Preciso conhecer o Cinema de Wim Wenders. Este primeiro parágrafo seu aí me instigou muito. Qual filme dele recomenda para iniciação?

André Renato disse...

Cara, preciso confessar que não vi todos os do Wenders ainda, principalmente os mais antigos... Mas recomendo em primeiro lugar "Paris, Texas". Depois, veja "Asas do Desejo" e sua sequência, "Tão Longe, Tão Perto". Os filmes mais novos, como "Million Dollar Hotel", já não acho tão interessantes...

Jonathan Pereira disse...

Olá André,

Chegamos ao seu belo blog, procurando críticas sobre esse filme. Nós acabamos de assisti-lo e em breve postaremos nossas análises no 'http://oteatrodavida.blogspot.com' onde comentamos, entre outros temas, os '1001 Filmes Para Ver Antes De Morrer'.

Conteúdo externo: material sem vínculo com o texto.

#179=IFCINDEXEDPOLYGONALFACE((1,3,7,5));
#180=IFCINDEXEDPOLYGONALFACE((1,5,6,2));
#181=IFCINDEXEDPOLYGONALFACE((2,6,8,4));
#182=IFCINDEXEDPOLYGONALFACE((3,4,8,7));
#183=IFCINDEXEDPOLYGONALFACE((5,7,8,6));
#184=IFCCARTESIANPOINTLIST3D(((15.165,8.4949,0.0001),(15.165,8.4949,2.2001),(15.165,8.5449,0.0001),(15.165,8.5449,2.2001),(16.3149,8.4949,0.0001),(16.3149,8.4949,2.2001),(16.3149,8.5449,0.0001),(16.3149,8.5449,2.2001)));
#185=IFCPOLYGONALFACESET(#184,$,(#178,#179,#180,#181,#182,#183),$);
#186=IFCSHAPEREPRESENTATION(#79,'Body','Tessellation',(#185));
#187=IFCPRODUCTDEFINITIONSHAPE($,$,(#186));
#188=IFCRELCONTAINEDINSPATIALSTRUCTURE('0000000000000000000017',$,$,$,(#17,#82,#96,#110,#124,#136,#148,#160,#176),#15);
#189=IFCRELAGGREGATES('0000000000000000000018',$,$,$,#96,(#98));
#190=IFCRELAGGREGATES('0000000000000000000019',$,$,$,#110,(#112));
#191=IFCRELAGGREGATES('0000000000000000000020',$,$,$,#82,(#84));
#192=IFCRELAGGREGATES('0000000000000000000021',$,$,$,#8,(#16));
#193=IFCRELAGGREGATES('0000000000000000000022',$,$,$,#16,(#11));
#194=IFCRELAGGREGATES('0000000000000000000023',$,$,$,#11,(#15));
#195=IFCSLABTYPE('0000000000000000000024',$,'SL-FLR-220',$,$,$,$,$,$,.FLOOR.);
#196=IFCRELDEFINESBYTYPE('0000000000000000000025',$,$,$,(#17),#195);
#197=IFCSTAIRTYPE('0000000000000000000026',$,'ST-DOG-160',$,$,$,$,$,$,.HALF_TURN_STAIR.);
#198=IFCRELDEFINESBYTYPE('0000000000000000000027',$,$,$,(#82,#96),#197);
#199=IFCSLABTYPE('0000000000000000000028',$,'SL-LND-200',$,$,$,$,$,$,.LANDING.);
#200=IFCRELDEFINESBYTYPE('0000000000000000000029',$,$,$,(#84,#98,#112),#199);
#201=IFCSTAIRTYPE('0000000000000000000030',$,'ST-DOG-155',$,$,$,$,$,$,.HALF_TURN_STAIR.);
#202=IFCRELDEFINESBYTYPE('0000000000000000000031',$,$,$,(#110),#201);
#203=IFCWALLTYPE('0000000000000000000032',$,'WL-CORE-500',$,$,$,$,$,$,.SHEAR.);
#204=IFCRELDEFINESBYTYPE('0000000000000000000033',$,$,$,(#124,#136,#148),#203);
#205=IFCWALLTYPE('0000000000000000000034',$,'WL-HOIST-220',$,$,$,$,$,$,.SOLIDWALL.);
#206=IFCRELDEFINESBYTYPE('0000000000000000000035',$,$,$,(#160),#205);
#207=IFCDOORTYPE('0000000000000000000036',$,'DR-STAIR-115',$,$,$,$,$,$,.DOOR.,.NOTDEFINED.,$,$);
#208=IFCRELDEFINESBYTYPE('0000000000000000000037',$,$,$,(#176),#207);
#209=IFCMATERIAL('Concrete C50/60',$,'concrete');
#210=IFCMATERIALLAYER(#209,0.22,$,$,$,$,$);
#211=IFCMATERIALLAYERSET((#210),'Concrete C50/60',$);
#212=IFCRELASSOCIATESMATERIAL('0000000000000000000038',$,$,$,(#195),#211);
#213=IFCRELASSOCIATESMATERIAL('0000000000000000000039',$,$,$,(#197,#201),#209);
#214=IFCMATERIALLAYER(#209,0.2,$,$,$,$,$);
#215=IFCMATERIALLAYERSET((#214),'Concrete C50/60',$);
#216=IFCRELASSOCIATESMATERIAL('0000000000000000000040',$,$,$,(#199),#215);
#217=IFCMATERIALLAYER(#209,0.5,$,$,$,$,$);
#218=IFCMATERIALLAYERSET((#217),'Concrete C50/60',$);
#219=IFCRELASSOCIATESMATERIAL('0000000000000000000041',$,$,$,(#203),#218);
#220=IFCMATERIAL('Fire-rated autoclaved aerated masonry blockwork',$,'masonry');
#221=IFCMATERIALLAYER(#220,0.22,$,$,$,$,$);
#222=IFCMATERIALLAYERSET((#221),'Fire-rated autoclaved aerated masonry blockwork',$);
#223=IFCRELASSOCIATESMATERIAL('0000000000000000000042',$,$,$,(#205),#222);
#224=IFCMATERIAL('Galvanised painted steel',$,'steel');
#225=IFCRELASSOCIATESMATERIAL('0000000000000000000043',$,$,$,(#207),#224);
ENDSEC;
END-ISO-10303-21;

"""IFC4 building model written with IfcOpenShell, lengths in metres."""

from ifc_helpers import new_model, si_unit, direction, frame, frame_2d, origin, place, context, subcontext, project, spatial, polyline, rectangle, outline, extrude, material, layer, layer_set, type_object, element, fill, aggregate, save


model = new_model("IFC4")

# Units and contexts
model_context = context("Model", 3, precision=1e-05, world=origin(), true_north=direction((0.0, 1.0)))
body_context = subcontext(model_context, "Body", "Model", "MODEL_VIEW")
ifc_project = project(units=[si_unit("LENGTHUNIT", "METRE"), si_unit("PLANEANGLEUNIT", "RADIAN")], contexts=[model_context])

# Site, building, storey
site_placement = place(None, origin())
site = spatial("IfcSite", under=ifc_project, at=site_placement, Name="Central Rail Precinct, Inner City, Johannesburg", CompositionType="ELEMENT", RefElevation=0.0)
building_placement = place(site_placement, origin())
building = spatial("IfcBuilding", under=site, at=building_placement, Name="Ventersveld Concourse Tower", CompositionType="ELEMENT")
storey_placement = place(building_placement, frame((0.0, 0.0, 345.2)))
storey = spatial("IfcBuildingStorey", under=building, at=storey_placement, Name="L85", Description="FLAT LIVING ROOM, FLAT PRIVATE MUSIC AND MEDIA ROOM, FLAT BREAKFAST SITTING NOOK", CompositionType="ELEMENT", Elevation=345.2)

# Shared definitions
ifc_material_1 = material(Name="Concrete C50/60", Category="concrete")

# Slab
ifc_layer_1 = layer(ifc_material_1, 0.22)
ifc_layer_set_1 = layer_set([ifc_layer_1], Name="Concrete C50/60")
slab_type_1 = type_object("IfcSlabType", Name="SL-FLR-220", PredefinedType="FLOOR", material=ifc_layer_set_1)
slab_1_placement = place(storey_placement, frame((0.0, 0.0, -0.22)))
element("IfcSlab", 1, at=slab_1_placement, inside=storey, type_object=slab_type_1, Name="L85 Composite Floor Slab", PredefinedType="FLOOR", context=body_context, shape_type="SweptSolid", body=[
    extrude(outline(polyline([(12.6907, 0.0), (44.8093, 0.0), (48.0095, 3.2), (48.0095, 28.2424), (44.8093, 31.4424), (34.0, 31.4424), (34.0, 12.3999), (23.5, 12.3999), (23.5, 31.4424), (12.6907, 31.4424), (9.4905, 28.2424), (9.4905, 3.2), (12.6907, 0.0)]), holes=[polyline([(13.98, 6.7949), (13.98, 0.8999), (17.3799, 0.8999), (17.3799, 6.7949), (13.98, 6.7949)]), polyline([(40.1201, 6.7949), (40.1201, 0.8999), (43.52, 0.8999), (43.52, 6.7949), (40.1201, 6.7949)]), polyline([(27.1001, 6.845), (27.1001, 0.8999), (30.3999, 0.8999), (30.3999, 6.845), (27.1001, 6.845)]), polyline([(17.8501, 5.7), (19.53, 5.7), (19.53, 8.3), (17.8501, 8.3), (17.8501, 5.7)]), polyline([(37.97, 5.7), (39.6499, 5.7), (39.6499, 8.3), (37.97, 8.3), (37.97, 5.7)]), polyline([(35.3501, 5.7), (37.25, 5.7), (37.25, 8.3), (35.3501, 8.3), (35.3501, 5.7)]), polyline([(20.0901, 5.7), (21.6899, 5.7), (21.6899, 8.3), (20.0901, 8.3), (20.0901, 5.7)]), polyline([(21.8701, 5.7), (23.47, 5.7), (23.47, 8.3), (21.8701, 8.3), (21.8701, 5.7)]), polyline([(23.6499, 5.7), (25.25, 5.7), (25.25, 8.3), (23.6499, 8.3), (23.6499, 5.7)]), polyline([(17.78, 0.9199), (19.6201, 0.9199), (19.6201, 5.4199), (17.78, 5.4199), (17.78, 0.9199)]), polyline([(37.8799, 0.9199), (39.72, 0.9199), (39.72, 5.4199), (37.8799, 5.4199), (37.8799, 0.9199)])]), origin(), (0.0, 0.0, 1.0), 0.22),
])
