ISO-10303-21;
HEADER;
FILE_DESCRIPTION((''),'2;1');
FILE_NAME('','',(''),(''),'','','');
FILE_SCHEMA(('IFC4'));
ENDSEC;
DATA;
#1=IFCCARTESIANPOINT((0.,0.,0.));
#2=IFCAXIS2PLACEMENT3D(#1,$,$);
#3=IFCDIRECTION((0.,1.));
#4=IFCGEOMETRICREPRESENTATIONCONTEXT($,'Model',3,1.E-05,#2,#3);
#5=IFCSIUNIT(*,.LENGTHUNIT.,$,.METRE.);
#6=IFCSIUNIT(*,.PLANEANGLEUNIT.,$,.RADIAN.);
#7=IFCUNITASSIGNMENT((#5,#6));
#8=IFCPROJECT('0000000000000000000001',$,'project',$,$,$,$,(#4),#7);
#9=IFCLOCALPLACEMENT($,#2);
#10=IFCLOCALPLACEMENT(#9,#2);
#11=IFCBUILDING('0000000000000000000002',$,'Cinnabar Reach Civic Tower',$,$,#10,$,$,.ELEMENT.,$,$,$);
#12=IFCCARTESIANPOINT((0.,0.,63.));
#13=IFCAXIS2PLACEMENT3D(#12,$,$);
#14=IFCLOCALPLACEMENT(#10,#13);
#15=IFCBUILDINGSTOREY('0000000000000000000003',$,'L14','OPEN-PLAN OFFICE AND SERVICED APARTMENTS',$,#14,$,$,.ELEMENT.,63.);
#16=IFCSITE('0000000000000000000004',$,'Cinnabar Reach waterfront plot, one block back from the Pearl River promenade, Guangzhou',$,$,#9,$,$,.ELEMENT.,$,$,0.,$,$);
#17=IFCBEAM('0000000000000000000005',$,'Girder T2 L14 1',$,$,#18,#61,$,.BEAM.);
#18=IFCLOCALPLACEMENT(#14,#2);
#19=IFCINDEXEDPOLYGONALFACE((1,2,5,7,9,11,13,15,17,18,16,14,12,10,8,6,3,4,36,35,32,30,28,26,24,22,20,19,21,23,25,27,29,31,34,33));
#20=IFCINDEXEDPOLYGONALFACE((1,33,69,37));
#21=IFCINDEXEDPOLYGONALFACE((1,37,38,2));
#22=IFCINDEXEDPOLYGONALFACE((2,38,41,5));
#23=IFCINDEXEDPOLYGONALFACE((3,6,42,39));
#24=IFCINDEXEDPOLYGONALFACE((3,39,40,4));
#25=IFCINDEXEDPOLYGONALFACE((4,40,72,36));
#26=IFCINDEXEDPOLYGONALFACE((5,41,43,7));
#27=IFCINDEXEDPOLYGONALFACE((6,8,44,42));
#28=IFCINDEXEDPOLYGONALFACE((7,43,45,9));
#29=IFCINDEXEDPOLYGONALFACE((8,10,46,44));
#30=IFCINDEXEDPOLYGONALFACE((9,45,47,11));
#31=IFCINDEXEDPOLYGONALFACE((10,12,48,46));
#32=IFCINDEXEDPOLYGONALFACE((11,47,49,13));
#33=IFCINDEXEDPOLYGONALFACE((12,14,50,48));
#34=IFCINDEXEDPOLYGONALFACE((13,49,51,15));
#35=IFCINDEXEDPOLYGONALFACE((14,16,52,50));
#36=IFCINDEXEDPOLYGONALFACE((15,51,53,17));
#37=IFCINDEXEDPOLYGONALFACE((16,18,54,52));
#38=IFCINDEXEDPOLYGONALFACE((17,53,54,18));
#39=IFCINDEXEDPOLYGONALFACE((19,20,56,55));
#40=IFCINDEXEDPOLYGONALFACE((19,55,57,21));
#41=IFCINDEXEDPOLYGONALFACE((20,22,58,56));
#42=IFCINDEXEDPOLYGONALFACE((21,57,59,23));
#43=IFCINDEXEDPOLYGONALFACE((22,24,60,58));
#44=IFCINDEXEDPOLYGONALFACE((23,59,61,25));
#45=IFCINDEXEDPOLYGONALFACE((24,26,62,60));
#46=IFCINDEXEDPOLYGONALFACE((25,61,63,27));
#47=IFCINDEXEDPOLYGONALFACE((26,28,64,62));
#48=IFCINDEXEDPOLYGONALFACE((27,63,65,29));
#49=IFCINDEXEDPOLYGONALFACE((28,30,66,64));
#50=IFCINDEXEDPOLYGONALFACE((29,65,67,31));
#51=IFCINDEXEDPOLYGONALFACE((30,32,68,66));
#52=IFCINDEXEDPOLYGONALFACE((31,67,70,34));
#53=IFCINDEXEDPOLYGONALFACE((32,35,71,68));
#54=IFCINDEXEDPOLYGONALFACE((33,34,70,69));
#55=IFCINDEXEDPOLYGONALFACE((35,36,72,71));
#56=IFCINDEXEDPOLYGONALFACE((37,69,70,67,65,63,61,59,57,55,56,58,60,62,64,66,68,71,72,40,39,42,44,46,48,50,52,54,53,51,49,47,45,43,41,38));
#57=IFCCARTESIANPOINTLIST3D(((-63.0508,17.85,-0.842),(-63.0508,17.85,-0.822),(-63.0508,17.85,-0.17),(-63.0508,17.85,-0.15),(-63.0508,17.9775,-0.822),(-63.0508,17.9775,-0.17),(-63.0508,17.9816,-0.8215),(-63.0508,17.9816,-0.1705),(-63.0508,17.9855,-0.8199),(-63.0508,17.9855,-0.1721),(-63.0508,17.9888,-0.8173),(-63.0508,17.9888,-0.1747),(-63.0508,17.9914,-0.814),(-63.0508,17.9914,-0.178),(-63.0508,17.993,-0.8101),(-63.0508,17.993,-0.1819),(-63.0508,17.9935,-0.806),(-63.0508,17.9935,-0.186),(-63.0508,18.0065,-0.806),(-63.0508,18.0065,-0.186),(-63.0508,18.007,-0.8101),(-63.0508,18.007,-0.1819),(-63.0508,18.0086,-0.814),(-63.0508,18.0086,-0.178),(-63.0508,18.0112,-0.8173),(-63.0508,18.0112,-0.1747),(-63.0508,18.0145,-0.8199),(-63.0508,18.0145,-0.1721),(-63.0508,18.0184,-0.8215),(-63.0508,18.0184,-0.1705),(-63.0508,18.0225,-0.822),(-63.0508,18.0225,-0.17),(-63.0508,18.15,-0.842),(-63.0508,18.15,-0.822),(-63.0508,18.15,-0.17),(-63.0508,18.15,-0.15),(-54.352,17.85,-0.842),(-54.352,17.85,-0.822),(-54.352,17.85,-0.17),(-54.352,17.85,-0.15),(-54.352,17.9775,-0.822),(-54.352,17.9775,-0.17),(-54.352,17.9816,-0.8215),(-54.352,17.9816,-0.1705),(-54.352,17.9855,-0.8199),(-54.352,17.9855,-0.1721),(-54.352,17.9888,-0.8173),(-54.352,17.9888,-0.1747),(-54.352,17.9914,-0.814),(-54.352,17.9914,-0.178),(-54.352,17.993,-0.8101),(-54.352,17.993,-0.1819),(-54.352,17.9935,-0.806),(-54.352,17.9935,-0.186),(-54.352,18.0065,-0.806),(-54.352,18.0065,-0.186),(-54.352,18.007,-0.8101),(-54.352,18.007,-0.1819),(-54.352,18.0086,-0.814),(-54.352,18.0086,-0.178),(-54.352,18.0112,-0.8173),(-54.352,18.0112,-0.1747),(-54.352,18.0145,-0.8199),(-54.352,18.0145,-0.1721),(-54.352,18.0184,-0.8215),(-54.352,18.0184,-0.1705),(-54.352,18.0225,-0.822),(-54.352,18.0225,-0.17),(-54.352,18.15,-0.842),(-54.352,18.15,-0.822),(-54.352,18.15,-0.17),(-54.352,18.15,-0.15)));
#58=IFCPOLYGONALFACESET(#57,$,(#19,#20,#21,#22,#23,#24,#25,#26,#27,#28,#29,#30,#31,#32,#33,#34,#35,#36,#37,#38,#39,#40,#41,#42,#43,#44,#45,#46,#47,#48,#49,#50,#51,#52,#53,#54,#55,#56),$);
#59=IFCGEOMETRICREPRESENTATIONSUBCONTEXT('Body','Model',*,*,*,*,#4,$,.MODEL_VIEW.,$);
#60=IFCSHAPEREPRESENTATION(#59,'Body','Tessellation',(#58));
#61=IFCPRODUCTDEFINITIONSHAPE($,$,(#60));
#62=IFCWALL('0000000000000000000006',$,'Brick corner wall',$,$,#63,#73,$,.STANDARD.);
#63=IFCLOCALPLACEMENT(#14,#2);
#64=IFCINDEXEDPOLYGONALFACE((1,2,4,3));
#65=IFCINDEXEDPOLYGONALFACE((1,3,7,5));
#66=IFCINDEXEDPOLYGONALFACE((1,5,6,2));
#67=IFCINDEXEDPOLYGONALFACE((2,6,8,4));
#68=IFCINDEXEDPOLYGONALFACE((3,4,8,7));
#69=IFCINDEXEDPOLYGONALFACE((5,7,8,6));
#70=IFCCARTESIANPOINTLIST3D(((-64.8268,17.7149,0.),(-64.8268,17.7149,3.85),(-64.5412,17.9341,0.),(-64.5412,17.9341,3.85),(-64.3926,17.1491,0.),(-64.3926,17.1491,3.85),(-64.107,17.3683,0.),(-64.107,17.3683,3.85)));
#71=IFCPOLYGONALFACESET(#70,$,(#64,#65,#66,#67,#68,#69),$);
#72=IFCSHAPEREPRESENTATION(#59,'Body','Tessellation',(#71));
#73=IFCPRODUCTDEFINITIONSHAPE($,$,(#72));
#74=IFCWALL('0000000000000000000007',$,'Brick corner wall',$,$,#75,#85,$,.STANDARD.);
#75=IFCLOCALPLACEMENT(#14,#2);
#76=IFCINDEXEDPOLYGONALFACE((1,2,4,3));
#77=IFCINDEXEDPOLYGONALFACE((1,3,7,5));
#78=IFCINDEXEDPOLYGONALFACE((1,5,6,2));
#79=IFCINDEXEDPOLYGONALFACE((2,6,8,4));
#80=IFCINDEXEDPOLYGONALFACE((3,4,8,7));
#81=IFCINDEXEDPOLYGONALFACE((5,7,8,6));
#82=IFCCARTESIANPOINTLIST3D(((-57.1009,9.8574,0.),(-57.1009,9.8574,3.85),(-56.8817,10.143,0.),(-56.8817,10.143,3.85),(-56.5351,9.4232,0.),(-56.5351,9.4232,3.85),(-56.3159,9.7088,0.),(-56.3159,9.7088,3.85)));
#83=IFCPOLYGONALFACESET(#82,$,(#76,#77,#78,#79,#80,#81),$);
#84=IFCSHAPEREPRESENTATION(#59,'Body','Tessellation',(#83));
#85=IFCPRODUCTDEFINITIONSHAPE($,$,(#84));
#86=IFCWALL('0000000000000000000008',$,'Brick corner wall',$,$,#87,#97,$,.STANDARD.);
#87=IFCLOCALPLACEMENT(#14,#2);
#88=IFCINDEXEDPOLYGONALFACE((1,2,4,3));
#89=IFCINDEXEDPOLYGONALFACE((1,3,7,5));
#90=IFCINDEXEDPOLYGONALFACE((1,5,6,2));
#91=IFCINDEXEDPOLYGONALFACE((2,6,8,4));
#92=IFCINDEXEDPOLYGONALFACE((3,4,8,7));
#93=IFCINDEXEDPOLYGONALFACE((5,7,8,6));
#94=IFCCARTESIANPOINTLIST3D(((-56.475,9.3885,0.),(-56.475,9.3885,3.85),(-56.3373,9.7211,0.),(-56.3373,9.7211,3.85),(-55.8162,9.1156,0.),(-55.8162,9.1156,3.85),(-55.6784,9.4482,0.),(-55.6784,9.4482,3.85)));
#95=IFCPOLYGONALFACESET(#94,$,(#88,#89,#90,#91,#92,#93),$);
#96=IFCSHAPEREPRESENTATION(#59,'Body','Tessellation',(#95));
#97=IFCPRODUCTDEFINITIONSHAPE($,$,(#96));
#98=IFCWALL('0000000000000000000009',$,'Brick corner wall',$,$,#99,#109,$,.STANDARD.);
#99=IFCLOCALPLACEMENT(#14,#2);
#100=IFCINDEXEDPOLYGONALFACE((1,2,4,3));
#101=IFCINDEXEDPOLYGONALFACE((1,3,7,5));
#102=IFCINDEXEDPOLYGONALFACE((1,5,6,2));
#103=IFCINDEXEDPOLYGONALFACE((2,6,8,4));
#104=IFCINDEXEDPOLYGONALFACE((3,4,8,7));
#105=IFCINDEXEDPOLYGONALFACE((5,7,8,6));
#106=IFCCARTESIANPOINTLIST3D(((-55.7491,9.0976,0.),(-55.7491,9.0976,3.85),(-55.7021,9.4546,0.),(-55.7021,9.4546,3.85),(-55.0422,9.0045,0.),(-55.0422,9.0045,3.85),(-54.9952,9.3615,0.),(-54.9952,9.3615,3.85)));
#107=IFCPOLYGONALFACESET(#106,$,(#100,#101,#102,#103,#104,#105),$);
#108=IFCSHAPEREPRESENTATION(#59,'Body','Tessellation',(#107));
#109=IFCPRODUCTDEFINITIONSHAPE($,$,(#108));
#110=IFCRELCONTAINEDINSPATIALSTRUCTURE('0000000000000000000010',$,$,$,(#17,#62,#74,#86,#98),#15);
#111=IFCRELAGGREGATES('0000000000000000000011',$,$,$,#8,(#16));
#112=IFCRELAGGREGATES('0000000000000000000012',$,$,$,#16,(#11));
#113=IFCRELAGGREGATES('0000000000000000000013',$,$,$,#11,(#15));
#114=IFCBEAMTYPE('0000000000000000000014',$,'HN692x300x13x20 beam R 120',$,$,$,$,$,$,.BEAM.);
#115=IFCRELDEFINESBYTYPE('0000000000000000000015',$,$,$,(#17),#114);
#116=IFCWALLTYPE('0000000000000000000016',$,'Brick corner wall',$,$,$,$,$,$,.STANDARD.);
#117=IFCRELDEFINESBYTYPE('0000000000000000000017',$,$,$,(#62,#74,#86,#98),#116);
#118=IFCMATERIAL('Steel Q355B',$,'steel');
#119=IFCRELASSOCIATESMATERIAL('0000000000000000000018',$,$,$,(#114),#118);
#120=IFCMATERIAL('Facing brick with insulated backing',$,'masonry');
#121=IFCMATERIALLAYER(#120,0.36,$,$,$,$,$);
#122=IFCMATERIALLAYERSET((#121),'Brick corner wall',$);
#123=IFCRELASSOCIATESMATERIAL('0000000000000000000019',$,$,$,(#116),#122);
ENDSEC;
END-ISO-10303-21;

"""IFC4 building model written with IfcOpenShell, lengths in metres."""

from ifc_helpers import new_model, si_unit, direction, frame, frame_2d, origin, origin_2d, place, context, subcontext, project, spatial, rectangle, i_section, extrude, material, layer, layer_set, material_profile, profile_set, type_object, element, save


model = new_model("IFC4")

# Units and contexts
model_context = context("Model", 3, precision=1e-05, world=origin(), true_north=direction((0.0, 1.0)))
body_context = subcontext(model_context, "Body", "Model", "MODEL_VIEW")
ifc_project = project(units=[si_unit("LENGTHUNIT", "METRE"), si_unit("PLANEANGLEUNIT", "RADIAN")], contexts=[model_context])

# Site, building, storey
site_placement = place(None, origin())
site = spatial("IfcSite", under=ifc_project, at=site_placement, Name="Cinnabar Reach waterfront plot, one block back from the Pearl River promenade, Guangzhou", CompositionType="ELEMENT", RefElevation=0.0)
building_placement = place(site_placement, origin())
building = spatial("IfcBuilding", under=site, at=building_placement, Name="Cinnabar Reach Civic Tower", CompositionType="ELEMENT")
storey_placement = place(building_placement, frame((0.0, 0.0, 63.0)))
storey = spatial("IfcBuildingStorey", under=building, at=storey_placement, Name="L14", Description="OPEN-PLAN OFFICE AND SERVICED APARTMENTS", CompositionType="ELEMENT", Elevation=63.0)

# Beam
ifc_material_1 = material(Name="Steel Q355B", Category="steel")
ifc_material_profile_1 = material_profile(ifc_material_1, i_section(OverallWidth=0.3, OverallDepth=0.692, WebThickness=0.013, FlangeThickness=0.02, FilletRadius=0.016, at=origin_2d()), Name="HN692x300x13x20")
ifc_profile_set_1 = profile_set([ifc_material_profile_1], Name="Steel Q355B")
beam_type_1 = type_object("IfcBeamType", Name="HN692x300x13x20 beam R 120", PredefinedType="BEAM", material=ifc_profile_set_1)
beam_1_placement = place(storey_placement, frame((-63.0508, 18.0, -0.496), z_axis=(1.0, 0.0, 0.0), x_axis=(0.0, 1.0, 0.0)))
element("IfcBeam", 1, at=beam_1_placement, inside=storey, type_object=beam_type_1, Name="Girder T2 L14 1", PredefinedType="BEAM", context=body_context, shape_type="SweptSolid", body=[
    extrude(i_section(OverallWidth=0.3, OverallDepth=0.692, WebThickness=0.013, FlangeThickness=0.02, FilletRadius=0.016, at=origin_2d()), origin(), (0.0, 0.0, 1.0), 8.6988),
])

Aproveito para parabenizá-lo pelo blog, comunicá-lo que colocamos este espaço no nosso blogroll e convidá-lo a nos visitar e participar do nosso espaço.

Abraços,

Jonathan Pereira

Nyx disse...

A muitos anos queria assitir a esse filme. Tive a honra e o prazer de fazê-lo na madrugada de ontem. E justamente o que me encantou no filme foi a ausência de "efeitos especiais", a competência de transmitir em imagens simples, a agonia, a ânsia de querer "provar" a humanidade, no seu estado mais puro e físico, e de emocionar. Trazer à tona a empatia, a memória de ser um anjo, um ser etéreo que a tudo assiste, nem sempre placidamente. Parabéns ao cineasta por esta obra riquíssima!

Anônimo disse...

Post legal, é o primeiro filme de Wanders que assistir, mas ele me conquistou pelas raizes...e o Tão longe, tão perto? alguem já viu?